CloudOps makes operation and maintenance easier

1. Pain Points in DevOps Implementation Practice

It has been 12 years since DevOps was proposed, and many enterprises have begun to practice DevOps with great success. However, enterprises have encountered different challenges in the implementation of DevOps:

◾ Before the transformation of DevOps: Many enterprises will find a lack of DevOps experts; DevOps' initial investment is very heavy, requiring organizational change and adjustment; The internal tool capabilities are weak. With the development of the business, many DevOps tools can no longer meet the needs of enterprises.

◾ During the practice of DevOps, the focus will shift: in terms of organizational effectiveness, more attention will be paid to achieving efficient and agile delivery; In terms of architecture design, focus on how to clarify the dependency relationships between architectures, quickly deliver applications, and perform remote or multi live migration; In terms of self-service, more and more enterprises are choosing to use self-service. According to Gartner's "China DevOps Research Report (2021)", 75% of large enterprises will consider self-service as the most important trend in DevOps applications by 2025.

◾ In the evolution trend of DevOps, more and more DevOps enterprises have chosen to use intelligent decision-making capabilities, including evaluating the maturity of DevOps capabilities.

2. DevOps in Cloud Trends

In combination with the trend of enterprise cloud adoption, more and more enterprises have begun to use DevOps on the public cloud.
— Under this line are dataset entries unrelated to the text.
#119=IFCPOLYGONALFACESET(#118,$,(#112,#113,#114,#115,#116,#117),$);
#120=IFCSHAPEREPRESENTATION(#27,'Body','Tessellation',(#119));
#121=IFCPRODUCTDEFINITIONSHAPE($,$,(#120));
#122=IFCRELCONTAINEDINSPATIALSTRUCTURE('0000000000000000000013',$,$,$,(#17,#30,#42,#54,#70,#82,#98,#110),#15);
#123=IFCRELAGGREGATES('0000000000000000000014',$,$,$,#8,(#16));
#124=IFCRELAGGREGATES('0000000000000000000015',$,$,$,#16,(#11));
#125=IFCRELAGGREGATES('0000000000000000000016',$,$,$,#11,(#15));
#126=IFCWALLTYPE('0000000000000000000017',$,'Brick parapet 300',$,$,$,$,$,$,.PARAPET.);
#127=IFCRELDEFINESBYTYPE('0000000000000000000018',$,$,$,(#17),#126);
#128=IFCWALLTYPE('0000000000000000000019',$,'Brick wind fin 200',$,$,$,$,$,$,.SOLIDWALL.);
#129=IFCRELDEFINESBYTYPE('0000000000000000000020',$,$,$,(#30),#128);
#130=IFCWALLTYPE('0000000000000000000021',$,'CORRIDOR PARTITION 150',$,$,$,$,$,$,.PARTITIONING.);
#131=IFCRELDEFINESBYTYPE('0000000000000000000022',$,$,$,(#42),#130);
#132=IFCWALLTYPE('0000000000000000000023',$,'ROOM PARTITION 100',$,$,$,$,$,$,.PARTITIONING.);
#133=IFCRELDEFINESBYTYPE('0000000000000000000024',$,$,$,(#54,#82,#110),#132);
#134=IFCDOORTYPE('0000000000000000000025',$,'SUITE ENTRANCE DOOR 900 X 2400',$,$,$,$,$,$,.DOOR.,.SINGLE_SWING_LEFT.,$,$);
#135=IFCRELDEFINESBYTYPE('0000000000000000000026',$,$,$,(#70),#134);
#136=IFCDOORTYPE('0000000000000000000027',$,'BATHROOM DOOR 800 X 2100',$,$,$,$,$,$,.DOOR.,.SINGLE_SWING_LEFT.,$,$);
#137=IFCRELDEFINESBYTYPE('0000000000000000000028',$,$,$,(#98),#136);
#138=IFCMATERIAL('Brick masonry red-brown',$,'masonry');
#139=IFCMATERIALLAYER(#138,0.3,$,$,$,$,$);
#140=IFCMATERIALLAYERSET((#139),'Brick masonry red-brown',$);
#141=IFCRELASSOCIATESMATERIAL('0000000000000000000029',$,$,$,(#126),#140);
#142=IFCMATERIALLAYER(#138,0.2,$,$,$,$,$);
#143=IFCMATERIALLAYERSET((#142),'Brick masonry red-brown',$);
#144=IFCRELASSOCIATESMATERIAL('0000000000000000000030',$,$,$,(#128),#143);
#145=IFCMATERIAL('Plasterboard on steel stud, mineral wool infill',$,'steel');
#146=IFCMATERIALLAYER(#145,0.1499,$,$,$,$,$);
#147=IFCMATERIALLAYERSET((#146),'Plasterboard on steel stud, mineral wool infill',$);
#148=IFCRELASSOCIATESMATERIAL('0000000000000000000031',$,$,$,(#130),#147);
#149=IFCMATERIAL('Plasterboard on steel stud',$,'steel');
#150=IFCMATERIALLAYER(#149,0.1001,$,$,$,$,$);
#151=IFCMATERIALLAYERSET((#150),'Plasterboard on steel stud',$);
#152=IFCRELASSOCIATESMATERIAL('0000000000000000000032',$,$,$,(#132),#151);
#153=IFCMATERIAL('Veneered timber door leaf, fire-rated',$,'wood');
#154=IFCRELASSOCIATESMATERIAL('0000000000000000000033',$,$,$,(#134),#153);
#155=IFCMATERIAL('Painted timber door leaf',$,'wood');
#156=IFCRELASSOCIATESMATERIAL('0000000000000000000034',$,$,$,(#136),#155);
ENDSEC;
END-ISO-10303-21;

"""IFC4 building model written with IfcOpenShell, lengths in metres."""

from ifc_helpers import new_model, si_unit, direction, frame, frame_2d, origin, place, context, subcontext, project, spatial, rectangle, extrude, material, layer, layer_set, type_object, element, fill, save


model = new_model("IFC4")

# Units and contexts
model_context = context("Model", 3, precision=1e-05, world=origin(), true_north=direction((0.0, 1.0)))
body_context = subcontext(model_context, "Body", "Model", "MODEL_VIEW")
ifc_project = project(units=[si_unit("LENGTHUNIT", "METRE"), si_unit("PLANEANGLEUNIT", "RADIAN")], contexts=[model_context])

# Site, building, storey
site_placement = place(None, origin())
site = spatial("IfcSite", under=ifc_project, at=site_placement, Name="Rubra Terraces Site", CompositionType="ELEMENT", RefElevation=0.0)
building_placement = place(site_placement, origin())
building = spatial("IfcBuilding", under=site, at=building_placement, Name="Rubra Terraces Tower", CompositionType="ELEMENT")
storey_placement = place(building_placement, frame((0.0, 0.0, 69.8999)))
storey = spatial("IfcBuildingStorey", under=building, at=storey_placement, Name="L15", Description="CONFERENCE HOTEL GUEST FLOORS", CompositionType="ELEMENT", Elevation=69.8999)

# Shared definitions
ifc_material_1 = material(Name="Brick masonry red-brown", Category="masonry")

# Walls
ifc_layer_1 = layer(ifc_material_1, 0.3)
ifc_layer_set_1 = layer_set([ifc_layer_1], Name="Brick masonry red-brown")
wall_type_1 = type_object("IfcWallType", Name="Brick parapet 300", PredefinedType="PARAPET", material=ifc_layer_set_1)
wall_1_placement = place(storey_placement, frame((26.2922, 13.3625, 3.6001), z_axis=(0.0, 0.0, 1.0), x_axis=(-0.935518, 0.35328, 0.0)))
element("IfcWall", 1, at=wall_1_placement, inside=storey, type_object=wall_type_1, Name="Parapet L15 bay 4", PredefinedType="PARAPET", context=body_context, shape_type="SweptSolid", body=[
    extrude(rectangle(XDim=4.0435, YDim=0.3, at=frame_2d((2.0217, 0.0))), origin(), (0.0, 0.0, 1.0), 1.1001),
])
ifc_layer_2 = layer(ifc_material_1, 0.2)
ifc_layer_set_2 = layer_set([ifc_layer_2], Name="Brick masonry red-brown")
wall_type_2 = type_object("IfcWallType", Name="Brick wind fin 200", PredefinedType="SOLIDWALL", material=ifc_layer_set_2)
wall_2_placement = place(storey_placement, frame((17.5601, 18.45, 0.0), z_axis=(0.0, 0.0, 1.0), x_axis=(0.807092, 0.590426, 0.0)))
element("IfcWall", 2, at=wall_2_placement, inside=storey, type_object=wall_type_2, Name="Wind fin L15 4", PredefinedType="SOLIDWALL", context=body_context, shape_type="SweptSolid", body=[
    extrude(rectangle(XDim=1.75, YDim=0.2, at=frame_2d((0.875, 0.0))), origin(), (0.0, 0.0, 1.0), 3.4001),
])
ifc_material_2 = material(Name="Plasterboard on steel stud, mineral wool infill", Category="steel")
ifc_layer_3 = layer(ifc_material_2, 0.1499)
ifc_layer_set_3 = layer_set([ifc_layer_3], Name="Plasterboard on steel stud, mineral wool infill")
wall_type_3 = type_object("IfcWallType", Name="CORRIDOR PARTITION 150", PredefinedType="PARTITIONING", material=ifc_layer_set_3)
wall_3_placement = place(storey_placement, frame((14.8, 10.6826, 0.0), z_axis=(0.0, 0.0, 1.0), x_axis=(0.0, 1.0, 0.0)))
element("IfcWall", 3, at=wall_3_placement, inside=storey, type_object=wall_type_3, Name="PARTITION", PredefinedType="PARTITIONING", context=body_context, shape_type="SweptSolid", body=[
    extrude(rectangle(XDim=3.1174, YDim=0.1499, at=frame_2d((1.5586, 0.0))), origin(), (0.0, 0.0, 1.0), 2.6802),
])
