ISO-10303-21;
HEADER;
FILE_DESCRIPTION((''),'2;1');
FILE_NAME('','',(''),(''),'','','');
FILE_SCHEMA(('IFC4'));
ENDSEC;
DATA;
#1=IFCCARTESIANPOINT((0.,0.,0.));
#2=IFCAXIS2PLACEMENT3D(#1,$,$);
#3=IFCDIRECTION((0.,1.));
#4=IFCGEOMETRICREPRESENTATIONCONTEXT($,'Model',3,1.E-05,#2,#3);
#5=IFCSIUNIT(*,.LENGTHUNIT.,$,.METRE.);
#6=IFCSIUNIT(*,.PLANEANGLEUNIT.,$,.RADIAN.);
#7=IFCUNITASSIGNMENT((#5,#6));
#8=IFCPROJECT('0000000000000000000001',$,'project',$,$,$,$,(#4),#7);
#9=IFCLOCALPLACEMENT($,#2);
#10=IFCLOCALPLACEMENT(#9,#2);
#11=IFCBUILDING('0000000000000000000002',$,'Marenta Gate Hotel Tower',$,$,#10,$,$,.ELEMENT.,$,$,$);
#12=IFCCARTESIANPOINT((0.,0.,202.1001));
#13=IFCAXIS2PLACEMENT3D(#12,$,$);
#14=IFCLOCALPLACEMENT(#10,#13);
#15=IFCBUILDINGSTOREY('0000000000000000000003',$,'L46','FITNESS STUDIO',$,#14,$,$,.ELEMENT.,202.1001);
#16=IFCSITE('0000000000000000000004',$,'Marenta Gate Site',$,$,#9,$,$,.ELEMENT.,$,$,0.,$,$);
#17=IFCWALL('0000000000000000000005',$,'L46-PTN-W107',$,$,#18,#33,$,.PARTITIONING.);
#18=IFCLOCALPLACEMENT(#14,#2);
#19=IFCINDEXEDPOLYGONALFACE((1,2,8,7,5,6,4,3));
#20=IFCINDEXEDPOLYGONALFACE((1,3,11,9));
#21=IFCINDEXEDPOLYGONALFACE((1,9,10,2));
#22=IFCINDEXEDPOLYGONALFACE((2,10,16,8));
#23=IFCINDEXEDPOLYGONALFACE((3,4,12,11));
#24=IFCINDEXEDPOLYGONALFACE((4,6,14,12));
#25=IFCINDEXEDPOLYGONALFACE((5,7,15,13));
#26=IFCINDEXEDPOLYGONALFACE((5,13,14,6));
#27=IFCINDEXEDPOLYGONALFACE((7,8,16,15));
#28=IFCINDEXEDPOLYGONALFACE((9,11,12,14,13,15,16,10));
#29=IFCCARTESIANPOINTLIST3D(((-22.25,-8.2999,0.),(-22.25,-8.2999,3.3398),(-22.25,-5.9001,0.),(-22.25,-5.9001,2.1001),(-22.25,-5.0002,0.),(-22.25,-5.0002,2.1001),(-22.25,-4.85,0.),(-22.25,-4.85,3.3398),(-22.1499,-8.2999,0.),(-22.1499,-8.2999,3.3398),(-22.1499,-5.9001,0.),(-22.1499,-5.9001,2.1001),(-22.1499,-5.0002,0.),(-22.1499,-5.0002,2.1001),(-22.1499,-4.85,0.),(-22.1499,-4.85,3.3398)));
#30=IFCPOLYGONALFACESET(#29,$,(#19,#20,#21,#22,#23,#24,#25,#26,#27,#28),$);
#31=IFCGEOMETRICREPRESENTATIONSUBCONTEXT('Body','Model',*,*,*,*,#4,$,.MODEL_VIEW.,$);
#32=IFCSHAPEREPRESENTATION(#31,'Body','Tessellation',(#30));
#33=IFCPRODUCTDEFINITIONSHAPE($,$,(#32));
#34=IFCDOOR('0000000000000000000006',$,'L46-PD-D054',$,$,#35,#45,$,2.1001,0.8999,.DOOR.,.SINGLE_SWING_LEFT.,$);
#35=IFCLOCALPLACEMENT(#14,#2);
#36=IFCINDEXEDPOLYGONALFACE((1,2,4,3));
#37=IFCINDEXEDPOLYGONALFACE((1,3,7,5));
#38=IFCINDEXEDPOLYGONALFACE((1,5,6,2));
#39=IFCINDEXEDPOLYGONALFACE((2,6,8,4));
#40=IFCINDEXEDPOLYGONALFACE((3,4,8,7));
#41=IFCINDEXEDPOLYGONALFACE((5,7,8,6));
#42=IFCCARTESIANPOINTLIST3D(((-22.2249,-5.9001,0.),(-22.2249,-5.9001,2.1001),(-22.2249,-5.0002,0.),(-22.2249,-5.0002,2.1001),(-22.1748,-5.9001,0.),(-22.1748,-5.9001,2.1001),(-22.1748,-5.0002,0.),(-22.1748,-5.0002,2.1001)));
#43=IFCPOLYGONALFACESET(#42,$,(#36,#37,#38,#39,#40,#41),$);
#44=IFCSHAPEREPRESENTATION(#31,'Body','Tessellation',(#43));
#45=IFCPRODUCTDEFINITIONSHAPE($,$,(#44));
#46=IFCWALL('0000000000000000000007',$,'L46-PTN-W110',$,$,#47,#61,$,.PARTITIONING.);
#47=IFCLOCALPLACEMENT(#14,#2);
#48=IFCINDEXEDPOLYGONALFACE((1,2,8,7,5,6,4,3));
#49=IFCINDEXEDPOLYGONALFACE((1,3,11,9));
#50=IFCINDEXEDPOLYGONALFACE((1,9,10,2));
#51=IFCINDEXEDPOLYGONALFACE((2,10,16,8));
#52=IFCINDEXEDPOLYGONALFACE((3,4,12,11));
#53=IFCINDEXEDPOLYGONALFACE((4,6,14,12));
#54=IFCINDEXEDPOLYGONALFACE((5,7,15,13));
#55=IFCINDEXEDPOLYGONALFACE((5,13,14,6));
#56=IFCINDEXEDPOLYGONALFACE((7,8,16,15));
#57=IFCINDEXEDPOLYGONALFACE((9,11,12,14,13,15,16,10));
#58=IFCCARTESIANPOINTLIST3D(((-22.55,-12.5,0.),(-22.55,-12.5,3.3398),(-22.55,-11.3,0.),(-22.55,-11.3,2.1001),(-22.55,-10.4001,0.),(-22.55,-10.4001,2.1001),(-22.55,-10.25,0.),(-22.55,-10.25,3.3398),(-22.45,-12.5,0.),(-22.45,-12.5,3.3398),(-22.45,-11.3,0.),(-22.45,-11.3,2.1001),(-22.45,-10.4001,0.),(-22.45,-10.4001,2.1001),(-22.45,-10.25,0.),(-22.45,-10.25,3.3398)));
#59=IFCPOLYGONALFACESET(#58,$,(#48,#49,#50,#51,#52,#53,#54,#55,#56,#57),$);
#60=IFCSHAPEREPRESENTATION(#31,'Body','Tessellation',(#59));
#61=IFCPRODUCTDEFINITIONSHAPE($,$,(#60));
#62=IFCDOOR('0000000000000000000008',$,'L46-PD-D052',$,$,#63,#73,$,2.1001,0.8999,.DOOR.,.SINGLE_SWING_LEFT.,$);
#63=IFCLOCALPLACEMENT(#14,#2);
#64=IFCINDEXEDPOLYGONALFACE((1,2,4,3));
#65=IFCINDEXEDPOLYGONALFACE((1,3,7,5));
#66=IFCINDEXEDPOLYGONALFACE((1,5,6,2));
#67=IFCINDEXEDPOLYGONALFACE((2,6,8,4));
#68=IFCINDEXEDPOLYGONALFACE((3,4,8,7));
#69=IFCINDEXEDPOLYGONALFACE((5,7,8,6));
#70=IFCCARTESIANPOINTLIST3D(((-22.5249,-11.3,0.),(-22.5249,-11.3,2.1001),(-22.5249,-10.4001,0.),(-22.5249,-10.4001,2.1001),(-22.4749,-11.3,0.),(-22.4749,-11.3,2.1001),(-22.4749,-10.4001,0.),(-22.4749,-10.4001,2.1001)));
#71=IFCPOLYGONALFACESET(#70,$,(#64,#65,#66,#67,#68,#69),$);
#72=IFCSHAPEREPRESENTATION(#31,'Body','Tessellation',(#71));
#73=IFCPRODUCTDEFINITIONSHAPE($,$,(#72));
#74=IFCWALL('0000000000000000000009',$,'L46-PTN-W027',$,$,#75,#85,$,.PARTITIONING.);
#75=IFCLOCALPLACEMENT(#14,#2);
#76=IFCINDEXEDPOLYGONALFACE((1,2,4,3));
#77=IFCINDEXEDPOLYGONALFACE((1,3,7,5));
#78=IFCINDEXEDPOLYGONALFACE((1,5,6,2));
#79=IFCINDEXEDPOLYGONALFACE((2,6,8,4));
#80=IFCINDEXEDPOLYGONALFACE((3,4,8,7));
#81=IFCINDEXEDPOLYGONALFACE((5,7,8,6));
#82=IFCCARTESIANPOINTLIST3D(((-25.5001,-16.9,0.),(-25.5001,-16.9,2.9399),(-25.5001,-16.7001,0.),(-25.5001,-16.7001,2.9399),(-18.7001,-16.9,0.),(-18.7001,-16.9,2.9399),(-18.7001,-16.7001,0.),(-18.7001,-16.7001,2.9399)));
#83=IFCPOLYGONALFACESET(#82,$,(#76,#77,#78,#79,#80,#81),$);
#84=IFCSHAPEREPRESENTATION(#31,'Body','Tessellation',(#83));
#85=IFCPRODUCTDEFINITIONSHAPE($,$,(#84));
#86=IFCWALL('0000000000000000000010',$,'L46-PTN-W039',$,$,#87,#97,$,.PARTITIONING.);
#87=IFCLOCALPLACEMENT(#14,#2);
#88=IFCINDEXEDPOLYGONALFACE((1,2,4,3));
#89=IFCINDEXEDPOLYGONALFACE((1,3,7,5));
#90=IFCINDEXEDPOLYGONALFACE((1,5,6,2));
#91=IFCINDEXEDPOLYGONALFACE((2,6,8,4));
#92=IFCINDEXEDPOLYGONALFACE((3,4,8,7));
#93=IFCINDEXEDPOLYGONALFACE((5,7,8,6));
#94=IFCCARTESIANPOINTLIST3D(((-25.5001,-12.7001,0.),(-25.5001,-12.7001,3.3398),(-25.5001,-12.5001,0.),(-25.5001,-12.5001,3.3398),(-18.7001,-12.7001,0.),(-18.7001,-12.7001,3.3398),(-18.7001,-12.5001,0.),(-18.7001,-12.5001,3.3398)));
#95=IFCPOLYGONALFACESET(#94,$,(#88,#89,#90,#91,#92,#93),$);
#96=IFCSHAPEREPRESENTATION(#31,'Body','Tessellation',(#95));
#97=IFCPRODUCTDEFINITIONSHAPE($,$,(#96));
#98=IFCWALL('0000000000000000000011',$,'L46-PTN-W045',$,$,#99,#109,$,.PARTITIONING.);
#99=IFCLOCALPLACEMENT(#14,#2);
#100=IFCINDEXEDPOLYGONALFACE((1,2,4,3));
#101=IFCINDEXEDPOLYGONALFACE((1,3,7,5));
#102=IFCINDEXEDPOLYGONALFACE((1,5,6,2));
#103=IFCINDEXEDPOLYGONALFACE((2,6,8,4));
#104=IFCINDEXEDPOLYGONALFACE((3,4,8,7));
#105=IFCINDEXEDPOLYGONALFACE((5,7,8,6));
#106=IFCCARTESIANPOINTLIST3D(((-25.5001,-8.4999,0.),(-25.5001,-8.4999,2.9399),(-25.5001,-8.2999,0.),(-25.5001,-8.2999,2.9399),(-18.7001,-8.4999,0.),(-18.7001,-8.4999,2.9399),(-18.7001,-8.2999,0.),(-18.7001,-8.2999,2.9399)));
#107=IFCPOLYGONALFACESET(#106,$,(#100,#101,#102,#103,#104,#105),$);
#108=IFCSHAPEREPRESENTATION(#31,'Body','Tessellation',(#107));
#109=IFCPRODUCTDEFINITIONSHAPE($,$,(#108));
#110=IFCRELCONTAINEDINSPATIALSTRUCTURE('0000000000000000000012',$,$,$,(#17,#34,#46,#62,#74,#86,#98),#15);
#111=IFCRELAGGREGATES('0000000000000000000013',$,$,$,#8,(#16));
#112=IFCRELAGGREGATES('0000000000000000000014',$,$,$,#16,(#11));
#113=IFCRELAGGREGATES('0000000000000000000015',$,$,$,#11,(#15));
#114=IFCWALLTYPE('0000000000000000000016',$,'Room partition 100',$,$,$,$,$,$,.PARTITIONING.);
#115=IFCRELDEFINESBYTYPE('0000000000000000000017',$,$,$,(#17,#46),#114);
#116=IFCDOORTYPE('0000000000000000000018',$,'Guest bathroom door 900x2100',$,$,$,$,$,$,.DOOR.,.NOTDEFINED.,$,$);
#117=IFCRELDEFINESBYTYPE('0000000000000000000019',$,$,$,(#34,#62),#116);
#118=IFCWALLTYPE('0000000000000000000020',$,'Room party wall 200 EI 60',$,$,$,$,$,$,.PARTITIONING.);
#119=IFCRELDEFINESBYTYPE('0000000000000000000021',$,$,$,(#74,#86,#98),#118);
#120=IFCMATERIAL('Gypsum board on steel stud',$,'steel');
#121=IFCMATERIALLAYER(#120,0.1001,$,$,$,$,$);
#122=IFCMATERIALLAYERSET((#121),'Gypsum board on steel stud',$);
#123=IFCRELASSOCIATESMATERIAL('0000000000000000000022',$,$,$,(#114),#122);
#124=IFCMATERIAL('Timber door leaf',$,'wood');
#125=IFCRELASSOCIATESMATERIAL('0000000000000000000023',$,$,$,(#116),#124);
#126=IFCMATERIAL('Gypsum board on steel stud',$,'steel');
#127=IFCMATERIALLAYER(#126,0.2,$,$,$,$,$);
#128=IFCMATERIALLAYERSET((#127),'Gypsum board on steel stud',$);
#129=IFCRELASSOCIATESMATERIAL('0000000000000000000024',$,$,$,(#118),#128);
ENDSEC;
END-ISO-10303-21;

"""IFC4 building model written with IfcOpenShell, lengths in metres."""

from ifc_helpers import new_model, si_unit, direction, frame, frame_2d, origin, place, context, subcontext, project, spatial, rectangle, extrude, material, layer, layer_set, type_object, element, fill, save


model = new_model("IFC4")

# Units and contexts
model_context = context("Model", 3, precision=1e-05, world=origin(), true_north=direction((0.0, 1.0)))
body_context = subcontext(model_context, "Body", "Model", "MODEL_VIEW")
ifc_project = project(units=[si_unit("LENGTHUNIT", "METRE"), si_unit("PLANEANGLEUNIT", "RADIAN")], contexts=[model_context])

# Site, building, storey
site_placement = place(None, origin())
site = spatial("IfcSite", under=ifc_project, at=site_placement, Name="Marenta Gate Site", CompositionType="ELEMENT", RefElevation=0.0)
building_placement = place(site_placement, origin())
building = spatial("IfcBuilding", under=site, at=building_placement, Name="Marenta Gate Hotel Tower", CompositionType="ELEMENT")
storey_placement = place(building_placement, frame((0.0, 0.0, 202.1001)))
storey = spatial("IfcBuildingStorey", under=building, at=storey_placement, Name="L46", Description="FITNESS STUDIO", CompositionType="ELEMENT", Elevation=202.1001)

# Shared definitions
ifc_material_1 = material(Name="Gypsum board on steel stud", Category="steel")
ifc_layer_1 = layer(ifc_material_1, 0.1001)
ifc_layer_set_1 = layer_set([ifc_layer_1], Name="Gypsum board on steel stud")
wall_type_1 = type_object("IfcWallType", Name="Room partition 100", PredefinedType="PARTITIONING", material=ifc_layer_set_1)

# Walls, openings, doors
ifc_material_2 = material(Name="Timber door leaf", Category="wood")
door_type = type_object("IfcDoorType", Name="Guest bathroom door 900x2100", OperationType="NOTDEFINED", PredefinedType="DOOR", material=ifc_material_2)
wall_1_placement = place(storey_placement, frame((-22.2, -8.3, 0.0), z_axis=(0.0, 0.0, 1.0), x_axis=(0.0, 1.0, 0.0)))
wall_1 = element("IfcWall", 1, at=wall_1_placement, inside=storey, type_object=wall_type_1, Name="L46-PTN-W107", PredefinedType="PARTITIONING", context=body_context, shape_type="SweptSolid", body=[
    extrude(rectangle(XDim=3.45, YDim=0.1001, at=frame_2d((1.7251, 0.0))), origin(), (0.0, 0.0, 1.0), 3.3398),
])
opening_1_placement = place(wall_1_placement, frame((2.3999, 0.0, 0.0)))
opening_1 = element("IfcOpeningElement", 2, at=opening_1_placement, cuts=wall_1, PredefinedType="OPENING", context=body_context, shape_type="SweptSolid", body=[
    extrude(rectangle(XDim=0.8999, YDim=2.1001, at=frame_2d((0.45, 1.05))), frame((0.0, 0.05, 0.0), z_axis=(0.0, -1.0, 0.0), x_axis=(1.0, 0.0, 0.0)), (0.0, 0.0, 1.0), 0.1001),
])
door_1_placement = place(opening_1_placement, origin())
door_1 = element("IfcDoor", 3, at=door_1_placement, inside=storey, type_object=door_type, Name="L46-PD-D054", OperationType="SINGLE_SWING_LEFT", OverallHeight=2.1001, OverallWidth=0.8999, PredefinedType="DOOR", context=body_context, shape_type="SweptSolid", body=[
    extrude(rectangle(XDim=0.8999, YDim=2.1001, at=frame_2d((0.45, 1.05))), frame((0.0, 0.0249, 0.0), z_axis=(0.0, -1.0, 0.0), x_axis=(1.0, 0.0, 0.0)), (0.0, 0.0, 1.0), 0.05),
])
fill(opening_1, door_1)
wall_2_placement = place(storey_placement, frame((-22.5, -12.5, 0.0), z_axis=(0.0, 0.0, 1.0), x_axis=(0.0, 1.0, 0.0)))
wall_2 = element("IfcWall", 4, at=wall_2_placement, inside=storey, type_object=wall_type_1, Name="L46-PTN-W110", PredefinedType="PARTITIONING", context=body_context, shape_type="SweptSolid", body=[
    extrude(rectangle(XDim=2.25, YDim=0.1001, at=frame_2d((1.125, 0.0))), origin(), (0.0, 0.0, 1.0), 3.3398),
])
opening_2_placement = place(wall_2_placement, frame((1.2, 0.0, 0.0)))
This process requires cloud based transformation and adaptation of applications, while combining cloud native tools and task flow orchestration to improve delivery efficiency.

During the practice of DevOps on the cloud, many enterprises have completed the transformation of microservice architectures and the upgrading of distributed applications. At the same time, service governance is becoming increasingly mature. However, the proliferation of applications and the increase in dependency complexity brought about by this composition also pose great challenges to the observability of enterprise applications and the stability of systems.

During the cloud transformation process of DevOps, many enterprises have also made service-oriented transformation to their own Jushi applications. And almost all enterprises believe that open APIs and As Services are the core competitiveness of enterprise openness and service.

3. New Trends in Cloud Operation and Maintenance CloudOps

Based on the above trends of DevOps in the cloud, Alibaba Cloud elastic computing defines a model for CloudOps. Combining the dual advantages of DevOps and the cloud, it can be seen from four dimensions: cost, delivery speed, flexibility, and system reliability:

◾ Cost reduction: DevOps can significantly reduce costs through changes in organizational effectiveness and the construction of digital tools, while the cloud can reduce the cost of resources and manpower through on-demand resource flexibility and multiple resource selection and payment methods.

◾ Delivery efficiency: DevOps can achieve CI/CD, while the cloud can achieve second or minute level resource delivery.

◾ Flexibility: Users have higher requirements for the application's R&D and launch cycle, such as delivering an app within 7 days, from 0 to launch to the app store; The cloud can also help customers achieve rapid delivery of diverse infrastructure resources.

◾ Reliability: DevOps practices the concept of automation, while cloud nature provides high availability of infrastructure.

From the high availability of applications to the high availability of technical resources, as well as the monitoring and insight capabilities of systems, DevOps and the cloud are a very good combination. Therefore, a new concept, CloudOps, is proposed on the cloud, fully combining the advantages of cloud and DevOps to achieve a 1+1>2 effect.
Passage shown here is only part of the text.